“Catheter-related atrial thrombus (CRAT) is rarely reported in this group of patients, and it can lead to serious complications” Dilek et al (2015).
Dilek, M., Kaya, C., Karatas, A., Ozer, I., Arık, N. and Gulel, O. (2015) Catheter-related atrial thrombus: tip of the iceberg? Renal Failure. February 19th. .
Article describes central catheter-related atrial thrombus http://ctt.ec/09wam+ @ivteam #ivteam
Although guidelines recommend catheters as a last resort for establishing a vascular access in patients undergoing dialysis, they continue to be used widely for this purpose. Catheter-related atrial thrombus (CRAT) is rarely reported in this group of patients, and it can lead to serious complications. The aim of this study was to determine the incidence of CRAT in patients undergoing hemodialysis with permanent-tunneled catheters. A total of 50 patients undergoing hemodialysis with permanent catheters were included in this study. The diagnosis of CRAT was based on transthoracic echocardiography findings. Thrombus was present in nine patients (18%) and related to the tip of the catheter in all cases. Except for one patient with two foci of thrombus, all patients had a single focus.

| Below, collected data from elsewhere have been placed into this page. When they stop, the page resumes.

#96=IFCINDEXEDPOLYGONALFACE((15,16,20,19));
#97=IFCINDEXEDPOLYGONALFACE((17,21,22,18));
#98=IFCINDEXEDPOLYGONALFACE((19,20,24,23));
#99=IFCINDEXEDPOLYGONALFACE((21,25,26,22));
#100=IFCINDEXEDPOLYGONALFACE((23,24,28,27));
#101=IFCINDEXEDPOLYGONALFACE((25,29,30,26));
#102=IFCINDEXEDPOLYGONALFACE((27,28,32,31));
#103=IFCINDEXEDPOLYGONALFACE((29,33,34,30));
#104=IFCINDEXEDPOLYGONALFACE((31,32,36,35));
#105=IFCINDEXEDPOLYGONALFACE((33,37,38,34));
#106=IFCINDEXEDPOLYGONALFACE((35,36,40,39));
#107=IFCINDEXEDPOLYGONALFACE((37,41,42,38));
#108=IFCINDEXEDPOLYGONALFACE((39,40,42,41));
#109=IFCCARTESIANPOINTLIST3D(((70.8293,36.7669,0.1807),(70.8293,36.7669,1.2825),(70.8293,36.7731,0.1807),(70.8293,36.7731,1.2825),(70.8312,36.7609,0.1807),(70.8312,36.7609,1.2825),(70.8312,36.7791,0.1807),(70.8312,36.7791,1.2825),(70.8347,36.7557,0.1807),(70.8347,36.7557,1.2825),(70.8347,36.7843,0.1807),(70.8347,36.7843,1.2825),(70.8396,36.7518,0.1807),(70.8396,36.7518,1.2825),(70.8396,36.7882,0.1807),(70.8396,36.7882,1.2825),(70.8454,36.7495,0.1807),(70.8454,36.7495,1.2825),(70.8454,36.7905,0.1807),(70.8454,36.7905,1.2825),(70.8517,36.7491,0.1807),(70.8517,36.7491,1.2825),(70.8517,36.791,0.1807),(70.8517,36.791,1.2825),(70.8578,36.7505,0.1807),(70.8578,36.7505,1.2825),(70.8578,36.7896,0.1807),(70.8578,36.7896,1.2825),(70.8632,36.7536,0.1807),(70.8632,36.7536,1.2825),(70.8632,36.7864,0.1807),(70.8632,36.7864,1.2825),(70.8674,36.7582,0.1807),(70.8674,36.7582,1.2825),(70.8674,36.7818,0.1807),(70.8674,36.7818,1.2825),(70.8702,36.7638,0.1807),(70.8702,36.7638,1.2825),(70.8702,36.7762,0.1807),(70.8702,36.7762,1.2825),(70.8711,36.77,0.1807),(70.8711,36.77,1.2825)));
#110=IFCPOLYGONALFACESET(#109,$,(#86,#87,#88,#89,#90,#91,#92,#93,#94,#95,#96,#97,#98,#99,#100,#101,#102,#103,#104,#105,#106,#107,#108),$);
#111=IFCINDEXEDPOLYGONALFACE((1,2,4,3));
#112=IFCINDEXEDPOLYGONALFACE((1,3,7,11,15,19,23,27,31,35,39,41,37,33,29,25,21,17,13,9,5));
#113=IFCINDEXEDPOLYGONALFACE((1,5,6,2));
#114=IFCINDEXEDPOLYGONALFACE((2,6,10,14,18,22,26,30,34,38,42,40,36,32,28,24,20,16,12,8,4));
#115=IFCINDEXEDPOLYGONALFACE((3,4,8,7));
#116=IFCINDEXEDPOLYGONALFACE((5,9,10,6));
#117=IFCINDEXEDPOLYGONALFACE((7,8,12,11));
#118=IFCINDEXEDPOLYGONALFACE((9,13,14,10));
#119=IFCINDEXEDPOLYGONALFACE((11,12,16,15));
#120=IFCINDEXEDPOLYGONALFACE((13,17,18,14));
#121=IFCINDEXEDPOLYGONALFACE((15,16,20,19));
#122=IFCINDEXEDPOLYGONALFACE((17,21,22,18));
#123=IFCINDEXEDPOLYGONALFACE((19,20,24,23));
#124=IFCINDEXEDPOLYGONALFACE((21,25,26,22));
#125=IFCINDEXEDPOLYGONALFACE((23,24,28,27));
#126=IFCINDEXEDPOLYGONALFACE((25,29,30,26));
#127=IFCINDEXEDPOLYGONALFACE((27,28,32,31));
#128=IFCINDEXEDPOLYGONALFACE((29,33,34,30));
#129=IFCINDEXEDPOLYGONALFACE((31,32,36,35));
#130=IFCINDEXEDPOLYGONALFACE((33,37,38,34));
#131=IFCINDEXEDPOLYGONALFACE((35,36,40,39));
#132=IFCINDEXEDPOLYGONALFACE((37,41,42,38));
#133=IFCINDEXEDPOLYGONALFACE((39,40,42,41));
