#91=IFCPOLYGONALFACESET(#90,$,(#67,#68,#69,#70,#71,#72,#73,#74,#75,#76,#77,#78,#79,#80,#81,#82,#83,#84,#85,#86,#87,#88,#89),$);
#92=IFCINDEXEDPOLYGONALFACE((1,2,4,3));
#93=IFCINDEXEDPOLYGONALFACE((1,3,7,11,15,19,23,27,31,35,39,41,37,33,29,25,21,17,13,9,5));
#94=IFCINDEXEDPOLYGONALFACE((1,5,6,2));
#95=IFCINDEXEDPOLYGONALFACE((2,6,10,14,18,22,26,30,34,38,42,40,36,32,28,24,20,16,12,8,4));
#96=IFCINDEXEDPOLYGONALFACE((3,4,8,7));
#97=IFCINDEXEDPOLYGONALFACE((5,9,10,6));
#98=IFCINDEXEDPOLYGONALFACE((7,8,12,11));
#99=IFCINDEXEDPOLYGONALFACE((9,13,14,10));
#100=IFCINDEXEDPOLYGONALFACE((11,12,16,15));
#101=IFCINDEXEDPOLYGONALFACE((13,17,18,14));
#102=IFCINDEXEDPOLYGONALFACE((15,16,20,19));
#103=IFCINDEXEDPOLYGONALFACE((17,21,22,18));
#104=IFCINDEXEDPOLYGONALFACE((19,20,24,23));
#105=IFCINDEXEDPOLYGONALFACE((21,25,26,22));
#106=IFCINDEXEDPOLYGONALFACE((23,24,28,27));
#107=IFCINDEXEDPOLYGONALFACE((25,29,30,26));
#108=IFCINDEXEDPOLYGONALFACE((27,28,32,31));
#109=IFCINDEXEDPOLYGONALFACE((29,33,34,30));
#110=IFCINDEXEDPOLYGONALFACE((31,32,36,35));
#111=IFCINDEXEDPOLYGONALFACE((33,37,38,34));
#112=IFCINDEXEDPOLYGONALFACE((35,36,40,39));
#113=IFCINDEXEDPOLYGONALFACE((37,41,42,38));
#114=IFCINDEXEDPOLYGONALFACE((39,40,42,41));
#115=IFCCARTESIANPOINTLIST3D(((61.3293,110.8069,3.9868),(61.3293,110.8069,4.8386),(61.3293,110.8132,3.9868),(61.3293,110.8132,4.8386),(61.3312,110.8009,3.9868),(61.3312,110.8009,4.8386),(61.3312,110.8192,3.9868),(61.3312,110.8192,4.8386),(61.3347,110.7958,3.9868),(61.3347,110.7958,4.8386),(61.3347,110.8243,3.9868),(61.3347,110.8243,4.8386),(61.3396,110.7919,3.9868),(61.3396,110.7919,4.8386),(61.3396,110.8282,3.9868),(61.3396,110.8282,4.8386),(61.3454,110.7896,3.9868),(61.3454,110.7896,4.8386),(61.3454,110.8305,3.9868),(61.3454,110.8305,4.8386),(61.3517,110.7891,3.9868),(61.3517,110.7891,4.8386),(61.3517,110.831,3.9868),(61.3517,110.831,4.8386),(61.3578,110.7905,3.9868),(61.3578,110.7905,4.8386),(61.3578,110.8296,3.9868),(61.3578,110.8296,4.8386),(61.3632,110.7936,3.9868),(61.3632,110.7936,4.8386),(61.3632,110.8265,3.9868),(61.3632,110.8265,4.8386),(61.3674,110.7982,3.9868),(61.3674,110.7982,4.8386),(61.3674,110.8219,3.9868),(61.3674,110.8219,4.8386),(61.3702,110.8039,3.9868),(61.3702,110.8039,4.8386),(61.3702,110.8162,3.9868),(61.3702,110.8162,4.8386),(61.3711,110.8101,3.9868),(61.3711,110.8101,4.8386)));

There were no significant associations between the development of thrombus and the duration of catheter use or the location of the catheter. Furthermore, catheter-related atrial thrombus did not appear to have a significant effect on mortality. The asymptomatic character of CRAT can be responsible for the low reporting rates, and its exact role in increased mortality and morbidity related with catheter use remains unknown. While planning management strategies, information on different options for vascular access routes and possible catheter-related complications should be provided to all patients who will undergo dialysis, together with a discussion involving other replacement alternatives for end-stage renal disease.